The Paris-Saclay Center for Data Science: an interdisciplinary project around data
The subject of data science is the design of automated methods to analyze massive and complex data in order to extract useful information. Data science projects require expertise from a vast spectrum of scientific fields ranging from research on methods (statistics, signal processing, machine learning, data mining, data visualization) through software building and maintenance to the mastery of the scientific domain where the data originate from.
The objectives of the CDS
The goal of this initiative is to establish an institutionalized agora in which these scientists can find each other, exchange ideas, initiate and nurture interdisciplinary projects, and share their experience on past data science projects.
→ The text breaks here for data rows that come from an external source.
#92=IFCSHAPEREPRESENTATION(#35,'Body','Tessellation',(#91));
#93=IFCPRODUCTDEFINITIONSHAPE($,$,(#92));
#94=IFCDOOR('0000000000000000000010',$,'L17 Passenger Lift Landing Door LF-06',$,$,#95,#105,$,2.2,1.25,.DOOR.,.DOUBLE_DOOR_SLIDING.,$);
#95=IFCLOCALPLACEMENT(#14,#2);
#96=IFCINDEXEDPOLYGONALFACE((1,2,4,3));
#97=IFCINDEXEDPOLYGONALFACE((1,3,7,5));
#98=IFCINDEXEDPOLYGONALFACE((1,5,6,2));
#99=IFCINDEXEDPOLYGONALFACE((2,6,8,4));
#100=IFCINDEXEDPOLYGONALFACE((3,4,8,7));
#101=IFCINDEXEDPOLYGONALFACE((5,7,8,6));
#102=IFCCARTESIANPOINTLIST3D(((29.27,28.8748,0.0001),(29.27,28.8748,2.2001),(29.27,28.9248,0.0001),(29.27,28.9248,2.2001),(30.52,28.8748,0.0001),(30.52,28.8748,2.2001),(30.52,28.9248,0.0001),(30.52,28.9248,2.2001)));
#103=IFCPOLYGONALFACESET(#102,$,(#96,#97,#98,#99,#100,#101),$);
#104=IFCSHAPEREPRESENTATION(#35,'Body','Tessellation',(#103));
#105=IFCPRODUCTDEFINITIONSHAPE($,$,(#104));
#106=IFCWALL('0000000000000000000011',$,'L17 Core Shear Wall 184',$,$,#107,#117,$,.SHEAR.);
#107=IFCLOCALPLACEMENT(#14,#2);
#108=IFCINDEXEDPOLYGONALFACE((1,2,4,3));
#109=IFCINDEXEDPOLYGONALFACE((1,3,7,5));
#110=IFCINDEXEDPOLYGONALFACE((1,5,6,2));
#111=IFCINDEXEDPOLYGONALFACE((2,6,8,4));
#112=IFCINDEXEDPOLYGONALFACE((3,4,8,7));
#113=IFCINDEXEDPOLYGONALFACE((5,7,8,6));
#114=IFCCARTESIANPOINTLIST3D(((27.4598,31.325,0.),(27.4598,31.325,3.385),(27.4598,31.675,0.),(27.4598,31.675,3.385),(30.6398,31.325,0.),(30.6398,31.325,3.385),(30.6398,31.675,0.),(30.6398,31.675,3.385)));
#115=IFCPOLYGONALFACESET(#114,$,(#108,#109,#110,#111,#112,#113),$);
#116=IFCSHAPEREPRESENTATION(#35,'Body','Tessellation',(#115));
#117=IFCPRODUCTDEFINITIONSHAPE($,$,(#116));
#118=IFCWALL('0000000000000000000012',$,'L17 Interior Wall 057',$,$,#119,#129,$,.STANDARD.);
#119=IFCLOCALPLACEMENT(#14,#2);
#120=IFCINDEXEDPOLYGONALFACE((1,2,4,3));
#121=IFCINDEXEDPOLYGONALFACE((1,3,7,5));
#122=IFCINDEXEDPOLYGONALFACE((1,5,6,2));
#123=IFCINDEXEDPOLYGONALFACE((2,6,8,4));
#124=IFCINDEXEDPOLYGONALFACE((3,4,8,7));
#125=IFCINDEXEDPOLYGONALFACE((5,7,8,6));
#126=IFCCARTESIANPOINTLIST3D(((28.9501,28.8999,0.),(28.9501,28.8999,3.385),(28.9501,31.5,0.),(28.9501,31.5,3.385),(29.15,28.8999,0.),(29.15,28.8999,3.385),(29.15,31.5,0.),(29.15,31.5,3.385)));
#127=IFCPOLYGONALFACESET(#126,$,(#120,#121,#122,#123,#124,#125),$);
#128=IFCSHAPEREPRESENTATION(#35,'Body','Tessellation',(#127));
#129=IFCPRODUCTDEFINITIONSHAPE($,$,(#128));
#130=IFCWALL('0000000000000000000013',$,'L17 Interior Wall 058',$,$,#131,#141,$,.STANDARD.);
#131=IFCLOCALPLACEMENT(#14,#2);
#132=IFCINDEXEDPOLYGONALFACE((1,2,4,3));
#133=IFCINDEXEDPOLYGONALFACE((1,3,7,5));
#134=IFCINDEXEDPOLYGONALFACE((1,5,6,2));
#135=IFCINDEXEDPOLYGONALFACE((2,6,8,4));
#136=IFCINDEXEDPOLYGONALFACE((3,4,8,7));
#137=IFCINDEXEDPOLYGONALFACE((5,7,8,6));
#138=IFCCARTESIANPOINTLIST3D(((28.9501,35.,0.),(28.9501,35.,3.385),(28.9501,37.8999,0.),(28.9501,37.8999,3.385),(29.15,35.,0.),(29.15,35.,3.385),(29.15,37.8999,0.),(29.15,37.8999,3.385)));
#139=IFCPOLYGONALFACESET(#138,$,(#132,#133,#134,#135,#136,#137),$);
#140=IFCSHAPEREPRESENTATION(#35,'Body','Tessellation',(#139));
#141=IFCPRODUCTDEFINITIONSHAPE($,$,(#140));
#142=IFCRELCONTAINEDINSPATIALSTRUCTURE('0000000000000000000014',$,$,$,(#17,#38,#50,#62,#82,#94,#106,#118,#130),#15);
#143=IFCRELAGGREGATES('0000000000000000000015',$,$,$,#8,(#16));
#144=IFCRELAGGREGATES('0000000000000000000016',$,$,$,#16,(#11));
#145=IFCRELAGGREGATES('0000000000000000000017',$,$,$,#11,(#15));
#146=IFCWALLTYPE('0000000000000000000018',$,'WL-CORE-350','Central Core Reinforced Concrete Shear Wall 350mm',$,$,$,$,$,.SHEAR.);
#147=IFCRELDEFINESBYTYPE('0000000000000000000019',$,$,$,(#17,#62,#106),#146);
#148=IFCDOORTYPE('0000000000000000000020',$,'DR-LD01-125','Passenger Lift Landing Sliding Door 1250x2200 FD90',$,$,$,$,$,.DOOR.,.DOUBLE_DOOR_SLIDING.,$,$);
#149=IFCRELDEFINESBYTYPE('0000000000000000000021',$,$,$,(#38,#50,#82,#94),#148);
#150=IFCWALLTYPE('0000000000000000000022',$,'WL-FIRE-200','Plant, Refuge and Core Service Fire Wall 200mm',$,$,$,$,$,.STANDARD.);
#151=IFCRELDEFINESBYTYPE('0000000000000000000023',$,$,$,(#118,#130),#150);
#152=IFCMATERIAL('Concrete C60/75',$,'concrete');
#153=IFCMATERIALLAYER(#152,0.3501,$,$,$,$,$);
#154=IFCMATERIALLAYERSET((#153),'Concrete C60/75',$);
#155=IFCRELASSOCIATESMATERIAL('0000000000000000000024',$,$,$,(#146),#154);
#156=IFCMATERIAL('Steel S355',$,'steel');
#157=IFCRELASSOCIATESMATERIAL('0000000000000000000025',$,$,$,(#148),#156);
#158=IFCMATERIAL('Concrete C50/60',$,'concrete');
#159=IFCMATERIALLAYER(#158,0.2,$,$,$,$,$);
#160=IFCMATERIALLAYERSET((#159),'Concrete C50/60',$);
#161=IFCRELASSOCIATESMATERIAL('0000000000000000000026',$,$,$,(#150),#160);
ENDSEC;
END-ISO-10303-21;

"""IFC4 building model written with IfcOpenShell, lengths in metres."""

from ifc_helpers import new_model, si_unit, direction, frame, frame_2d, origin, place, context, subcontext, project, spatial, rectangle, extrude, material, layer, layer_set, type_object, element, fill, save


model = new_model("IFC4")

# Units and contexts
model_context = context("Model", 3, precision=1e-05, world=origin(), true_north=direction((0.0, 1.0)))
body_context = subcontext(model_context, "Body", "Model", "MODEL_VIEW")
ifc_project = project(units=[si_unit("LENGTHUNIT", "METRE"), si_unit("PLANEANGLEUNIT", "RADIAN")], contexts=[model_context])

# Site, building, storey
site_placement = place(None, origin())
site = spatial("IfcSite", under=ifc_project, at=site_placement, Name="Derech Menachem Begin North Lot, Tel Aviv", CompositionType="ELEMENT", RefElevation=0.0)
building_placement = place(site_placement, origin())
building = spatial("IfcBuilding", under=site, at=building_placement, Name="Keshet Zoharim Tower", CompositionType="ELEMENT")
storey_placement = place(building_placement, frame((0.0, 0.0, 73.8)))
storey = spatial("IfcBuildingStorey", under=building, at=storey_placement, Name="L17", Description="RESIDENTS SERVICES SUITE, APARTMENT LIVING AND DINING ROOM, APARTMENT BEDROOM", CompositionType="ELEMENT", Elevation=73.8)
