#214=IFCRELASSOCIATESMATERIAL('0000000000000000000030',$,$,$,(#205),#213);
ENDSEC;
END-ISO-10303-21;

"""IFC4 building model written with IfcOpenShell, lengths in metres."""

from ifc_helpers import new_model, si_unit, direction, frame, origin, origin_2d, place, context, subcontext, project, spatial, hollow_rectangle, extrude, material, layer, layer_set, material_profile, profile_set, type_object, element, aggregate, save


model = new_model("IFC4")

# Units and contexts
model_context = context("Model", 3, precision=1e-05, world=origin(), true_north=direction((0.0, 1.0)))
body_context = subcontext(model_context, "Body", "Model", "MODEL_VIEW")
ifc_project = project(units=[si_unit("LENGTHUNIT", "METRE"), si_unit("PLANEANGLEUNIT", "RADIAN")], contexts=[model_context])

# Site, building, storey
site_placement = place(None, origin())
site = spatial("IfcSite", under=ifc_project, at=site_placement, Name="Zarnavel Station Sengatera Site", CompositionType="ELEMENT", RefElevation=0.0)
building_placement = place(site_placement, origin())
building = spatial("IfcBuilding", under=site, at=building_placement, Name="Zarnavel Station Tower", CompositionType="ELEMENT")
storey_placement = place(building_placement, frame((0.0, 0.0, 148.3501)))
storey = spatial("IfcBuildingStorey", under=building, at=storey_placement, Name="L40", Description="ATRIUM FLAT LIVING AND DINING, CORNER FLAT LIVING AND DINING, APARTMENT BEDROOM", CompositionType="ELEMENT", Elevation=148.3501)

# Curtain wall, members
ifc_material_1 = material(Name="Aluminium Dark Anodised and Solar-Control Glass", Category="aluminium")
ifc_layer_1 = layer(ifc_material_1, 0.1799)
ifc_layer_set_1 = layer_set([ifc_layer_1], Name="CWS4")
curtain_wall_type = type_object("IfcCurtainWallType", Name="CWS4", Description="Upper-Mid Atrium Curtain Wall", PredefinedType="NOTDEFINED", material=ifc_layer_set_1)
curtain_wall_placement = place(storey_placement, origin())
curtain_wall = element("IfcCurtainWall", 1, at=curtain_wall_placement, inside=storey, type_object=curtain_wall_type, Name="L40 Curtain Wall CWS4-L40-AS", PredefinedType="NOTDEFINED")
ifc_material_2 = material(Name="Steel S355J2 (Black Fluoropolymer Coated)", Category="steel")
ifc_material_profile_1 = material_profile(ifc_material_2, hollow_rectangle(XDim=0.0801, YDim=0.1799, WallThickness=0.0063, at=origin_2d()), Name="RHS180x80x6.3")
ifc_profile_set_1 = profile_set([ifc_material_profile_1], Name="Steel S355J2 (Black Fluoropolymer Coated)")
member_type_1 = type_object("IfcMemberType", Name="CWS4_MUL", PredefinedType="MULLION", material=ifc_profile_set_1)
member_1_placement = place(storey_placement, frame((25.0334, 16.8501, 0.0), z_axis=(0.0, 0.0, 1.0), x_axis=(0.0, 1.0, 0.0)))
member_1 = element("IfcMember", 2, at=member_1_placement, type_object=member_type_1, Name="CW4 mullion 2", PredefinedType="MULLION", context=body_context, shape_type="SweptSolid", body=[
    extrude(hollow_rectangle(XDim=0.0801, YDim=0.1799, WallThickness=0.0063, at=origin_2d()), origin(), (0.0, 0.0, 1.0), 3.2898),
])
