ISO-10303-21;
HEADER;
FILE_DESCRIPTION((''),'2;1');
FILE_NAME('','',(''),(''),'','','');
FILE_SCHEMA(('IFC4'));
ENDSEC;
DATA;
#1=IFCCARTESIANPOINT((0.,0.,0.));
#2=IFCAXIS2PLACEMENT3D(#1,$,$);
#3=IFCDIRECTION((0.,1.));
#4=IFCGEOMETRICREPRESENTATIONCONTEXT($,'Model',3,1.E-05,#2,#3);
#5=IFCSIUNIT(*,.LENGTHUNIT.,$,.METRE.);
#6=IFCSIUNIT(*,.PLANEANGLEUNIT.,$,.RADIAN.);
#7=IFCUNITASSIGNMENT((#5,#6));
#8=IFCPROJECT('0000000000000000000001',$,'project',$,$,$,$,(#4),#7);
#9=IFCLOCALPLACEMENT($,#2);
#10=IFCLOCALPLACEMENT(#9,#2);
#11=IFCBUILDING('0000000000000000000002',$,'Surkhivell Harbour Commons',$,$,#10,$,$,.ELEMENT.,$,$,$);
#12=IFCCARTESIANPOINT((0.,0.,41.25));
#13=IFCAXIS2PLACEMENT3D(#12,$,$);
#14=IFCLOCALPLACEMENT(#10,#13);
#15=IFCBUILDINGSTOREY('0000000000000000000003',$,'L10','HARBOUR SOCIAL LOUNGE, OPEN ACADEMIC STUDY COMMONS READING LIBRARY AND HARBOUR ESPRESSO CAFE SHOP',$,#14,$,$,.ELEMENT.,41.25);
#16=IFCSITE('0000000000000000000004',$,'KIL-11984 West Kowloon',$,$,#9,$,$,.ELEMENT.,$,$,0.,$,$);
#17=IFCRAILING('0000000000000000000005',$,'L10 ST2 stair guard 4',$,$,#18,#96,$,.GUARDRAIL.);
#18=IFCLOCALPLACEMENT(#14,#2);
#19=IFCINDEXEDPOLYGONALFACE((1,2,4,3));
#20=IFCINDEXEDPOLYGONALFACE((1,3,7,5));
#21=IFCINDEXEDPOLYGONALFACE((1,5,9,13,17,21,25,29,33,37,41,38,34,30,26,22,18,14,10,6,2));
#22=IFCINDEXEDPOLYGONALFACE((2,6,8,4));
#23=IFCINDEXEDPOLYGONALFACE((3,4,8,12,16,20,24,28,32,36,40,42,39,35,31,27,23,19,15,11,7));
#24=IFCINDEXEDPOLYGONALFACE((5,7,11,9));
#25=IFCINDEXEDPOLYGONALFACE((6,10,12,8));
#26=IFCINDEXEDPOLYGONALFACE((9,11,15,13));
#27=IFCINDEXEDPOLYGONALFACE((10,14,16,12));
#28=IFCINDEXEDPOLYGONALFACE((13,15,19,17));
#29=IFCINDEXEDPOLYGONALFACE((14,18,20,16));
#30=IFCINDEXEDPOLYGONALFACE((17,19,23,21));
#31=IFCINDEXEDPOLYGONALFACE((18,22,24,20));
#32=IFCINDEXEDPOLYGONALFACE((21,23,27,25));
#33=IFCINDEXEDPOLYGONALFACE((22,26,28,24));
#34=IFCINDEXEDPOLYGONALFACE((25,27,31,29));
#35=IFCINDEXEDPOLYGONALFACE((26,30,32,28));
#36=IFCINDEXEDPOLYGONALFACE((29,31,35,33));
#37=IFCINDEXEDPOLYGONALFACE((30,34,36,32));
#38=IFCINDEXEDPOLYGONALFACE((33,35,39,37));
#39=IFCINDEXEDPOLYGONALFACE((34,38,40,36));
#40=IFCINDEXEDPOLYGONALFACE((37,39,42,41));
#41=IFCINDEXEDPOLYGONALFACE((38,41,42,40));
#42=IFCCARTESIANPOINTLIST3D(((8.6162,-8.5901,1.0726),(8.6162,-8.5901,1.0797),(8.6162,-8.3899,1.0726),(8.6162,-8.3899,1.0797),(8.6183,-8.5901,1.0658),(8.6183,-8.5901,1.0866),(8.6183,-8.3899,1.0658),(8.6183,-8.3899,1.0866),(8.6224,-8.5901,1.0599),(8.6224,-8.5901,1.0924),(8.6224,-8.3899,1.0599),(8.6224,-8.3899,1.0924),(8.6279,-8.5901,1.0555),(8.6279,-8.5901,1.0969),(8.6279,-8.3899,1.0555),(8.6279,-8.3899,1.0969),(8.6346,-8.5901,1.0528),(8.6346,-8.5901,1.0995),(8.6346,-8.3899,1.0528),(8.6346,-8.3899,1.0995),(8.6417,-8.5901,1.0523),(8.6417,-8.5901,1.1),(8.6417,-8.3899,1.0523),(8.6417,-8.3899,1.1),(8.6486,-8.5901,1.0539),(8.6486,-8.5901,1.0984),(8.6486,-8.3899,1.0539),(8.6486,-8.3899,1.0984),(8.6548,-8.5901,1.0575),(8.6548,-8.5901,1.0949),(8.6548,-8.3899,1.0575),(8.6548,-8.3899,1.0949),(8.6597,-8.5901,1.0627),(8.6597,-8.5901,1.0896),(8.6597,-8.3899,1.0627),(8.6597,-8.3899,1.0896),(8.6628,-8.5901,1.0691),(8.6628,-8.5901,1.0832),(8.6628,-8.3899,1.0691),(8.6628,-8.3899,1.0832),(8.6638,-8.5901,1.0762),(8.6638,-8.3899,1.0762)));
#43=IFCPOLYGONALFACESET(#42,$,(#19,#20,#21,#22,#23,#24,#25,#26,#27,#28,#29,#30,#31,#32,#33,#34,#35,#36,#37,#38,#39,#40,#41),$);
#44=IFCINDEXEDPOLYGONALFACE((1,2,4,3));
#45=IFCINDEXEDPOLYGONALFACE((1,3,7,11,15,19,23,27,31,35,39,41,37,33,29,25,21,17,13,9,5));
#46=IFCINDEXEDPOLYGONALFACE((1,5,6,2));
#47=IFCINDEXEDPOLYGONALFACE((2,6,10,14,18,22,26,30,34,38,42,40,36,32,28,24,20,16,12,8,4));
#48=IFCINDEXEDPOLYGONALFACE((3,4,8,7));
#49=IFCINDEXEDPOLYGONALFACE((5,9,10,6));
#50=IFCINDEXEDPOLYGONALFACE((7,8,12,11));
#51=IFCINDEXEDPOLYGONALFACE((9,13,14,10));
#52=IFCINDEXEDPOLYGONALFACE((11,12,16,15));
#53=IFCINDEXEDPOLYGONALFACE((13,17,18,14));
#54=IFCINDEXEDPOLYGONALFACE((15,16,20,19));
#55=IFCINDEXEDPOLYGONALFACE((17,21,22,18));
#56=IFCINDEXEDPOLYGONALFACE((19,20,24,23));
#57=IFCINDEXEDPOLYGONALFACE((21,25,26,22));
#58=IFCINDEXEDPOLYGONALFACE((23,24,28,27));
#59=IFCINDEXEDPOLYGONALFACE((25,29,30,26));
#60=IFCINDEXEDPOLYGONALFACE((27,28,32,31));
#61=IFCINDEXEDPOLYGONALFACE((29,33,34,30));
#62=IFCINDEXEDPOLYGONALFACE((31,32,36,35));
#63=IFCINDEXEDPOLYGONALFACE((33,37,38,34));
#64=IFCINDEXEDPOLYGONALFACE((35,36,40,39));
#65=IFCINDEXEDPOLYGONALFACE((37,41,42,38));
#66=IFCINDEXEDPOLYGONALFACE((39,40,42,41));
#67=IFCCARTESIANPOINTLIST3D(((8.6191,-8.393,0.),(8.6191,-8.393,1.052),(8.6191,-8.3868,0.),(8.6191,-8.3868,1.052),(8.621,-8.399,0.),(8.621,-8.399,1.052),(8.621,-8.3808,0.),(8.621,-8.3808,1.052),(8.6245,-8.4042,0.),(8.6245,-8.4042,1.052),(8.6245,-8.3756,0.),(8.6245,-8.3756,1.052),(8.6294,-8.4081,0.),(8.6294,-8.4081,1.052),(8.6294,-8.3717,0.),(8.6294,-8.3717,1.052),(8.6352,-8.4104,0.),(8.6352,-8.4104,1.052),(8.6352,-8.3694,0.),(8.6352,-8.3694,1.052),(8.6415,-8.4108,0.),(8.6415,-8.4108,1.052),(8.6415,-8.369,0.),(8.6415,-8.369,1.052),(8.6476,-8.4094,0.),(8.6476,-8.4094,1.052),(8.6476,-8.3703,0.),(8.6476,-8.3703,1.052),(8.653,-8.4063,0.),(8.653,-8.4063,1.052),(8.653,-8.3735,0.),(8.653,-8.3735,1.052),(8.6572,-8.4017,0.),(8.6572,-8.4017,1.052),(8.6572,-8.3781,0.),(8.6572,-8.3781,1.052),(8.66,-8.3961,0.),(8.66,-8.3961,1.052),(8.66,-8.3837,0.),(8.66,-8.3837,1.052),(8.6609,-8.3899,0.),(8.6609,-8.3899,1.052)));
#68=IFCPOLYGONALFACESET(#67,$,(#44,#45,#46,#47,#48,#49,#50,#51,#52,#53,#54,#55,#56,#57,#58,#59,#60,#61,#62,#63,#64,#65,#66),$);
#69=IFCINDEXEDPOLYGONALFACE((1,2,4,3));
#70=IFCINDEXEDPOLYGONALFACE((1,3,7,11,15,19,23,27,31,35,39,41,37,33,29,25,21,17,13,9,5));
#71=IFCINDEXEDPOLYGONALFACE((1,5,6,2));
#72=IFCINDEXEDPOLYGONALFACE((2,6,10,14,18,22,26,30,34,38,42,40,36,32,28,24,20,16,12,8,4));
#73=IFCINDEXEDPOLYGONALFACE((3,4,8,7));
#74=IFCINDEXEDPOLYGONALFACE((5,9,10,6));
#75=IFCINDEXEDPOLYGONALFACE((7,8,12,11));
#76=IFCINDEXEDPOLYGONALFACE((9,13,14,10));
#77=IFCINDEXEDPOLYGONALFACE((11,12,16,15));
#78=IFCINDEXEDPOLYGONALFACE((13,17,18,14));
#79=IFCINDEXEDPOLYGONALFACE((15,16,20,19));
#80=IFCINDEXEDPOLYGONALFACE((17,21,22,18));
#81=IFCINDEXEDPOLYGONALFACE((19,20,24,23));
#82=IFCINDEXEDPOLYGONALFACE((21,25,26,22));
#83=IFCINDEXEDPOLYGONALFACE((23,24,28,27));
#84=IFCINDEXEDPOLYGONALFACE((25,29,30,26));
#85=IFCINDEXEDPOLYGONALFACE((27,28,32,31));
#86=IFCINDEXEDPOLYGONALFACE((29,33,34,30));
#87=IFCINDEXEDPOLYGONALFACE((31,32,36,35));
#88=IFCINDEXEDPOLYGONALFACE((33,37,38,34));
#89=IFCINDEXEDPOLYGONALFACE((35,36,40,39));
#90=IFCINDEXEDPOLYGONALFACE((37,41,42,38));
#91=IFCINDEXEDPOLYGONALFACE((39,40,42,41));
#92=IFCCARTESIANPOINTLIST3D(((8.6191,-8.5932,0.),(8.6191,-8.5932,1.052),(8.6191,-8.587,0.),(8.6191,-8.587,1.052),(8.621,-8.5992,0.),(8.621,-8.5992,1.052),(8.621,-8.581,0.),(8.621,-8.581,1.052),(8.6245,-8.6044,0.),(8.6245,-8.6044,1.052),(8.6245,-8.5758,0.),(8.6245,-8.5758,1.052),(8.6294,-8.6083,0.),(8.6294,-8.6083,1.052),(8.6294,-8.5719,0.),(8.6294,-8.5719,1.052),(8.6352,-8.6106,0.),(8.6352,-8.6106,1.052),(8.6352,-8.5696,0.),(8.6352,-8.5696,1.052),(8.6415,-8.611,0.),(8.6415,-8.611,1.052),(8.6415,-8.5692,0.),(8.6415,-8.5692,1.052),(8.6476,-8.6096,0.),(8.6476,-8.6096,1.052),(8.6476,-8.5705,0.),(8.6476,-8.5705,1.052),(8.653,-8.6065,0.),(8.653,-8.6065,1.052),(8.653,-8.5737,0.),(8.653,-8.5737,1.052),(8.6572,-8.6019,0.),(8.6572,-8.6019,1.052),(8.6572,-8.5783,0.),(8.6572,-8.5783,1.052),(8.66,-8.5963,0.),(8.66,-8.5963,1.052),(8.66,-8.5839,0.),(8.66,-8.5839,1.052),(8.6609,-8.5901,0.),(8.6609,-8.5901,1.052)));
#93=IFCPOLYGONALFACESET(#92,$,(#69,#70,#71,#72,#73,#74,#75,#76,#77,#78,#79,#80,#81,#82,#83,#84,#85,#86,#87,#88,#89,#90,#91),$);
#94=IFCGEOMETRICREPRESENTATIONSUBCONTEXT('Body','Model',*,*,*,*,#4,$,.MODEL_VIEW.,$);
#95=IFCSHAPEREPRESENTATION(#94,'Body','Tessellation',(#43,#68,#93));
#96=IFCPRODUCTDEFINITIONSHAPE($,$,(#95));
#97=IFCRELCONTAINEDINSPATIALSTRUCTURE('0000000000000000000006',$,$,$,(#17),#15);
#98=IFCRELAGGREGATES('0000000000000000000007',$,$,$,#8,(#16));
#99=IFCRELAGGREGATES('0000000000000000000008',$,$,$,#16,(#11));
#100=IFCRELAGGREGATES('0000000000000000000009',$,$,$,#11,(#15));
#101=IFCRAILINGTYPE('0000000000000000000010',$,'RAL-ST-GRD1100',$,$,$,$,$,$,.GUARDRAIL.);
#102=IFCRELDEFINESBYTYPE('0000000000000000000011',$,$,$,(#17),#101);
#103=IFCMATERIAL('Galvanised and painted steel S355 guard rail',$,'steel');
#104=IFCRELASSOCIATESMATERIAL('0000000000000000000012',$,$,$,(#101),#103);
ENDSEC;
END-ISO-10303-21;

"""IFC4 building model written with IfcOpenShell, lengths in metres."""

from ifc_helpers import new_model, si_unit, direction, frame, origin, origin_2d, place, context, subcontext, project, spatial, circle, extrude, material, type_object, element, save


model = new_model("IFC4")

# Units and contexts
model_context = context("Model", 3, precision=1e-05, world=origin(), true_north=direction((0.0, 1.0)))
body_context = subcontext(model_context, "Body", "Model", "MODEL_VIEW")
ifc_project = project(units=[si_unit("LENGTHUNIT", "METRE"), si_unit("PLANEANGLEUNIT", "RADIAN")], contexts=[model_context])

# Site, building, storey
site_placement = place(None, origin())
site = spatial("IfcSite", under=ifc_project, at=site_placement, Name="KIL-11984 West Kowloon", CompositionType="ELEMENT", RefElevation=0.0)
building_placement = place(site_placement, origin())
building = spatial("IfcBuilding", under=site, at=building_placement, Name="Surkhivell Harbour Commons", CompositionType="ELEMENT")
storey_placement = place(building_placement, frame((0.0, 0.0, 41.25)))
storey = spatial("IfcBuildingStorey", under=building, at=storey_placement, Name="L10", Description="HARBOUR SOCIAL LOUNGE, OPEN ACADEMIC STUDY COMMONS READING LIBRARY AND HARBOUR ESPRESSO CAFE SHOP", CompositionType="ELEMENT", Elevation=41.25)

# Railing
ifc_material_1 = material(Name="Galvanised and painted steel S355 guard rail", Category="steel")
railing_type_1 = type_object("IfcRailingType", Name="RAL-ST-GRD1100", PredefinedType="GUARDRAIL", material=ifc_material_1)
railing_1_placement = place(storey_placement, frame((8.6399, -8.3899, 0.0)))
element("IfcRailing", 1, at=railing_1_placement, inside=storey, type_object=railing_type_1, Name="L10 ST2 stair guard 4", PredefinedType="GUARDRAIL", context=body_context, shape_type="SweptSolid", body=[
    extrude(circle(Radius=0.0239, at=origin_2d()), frame((0.0, 0.0, 1.0762), z_axis=(0.0, -1.0, 0.0), x_axis=(1.0, 0.0, 0.0)), (0.0, 0.0, 1.0), 0.2002),
    extrude(circle(Radius=0.021, at=origin_2d()), origin(), (0.0, 0.0, 1.0), 1.052),
    extrude(circle(Radius=0.021, at=origin_2d()), frame((0.0, -0.2002, 0.0)), (0.0, 0.0, 1.0), 1.052),
])

save(model, "model.ifc")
To foster synergy between data analysts and data producers we propose to provide initial resources for helping collaborations to get off the ground, to mitigate the non-negligible risk taken by researchers venturing into interdisciplinary data science projects, and to encourage the use of unconventional forms of information transmission and dissemination essential in this communication-intensive research area. The CDS fits perfectly in the recent surge of similar initiatives, both at the international and at the national level, and it has the potential to make the University one of the international fore-runners of data science.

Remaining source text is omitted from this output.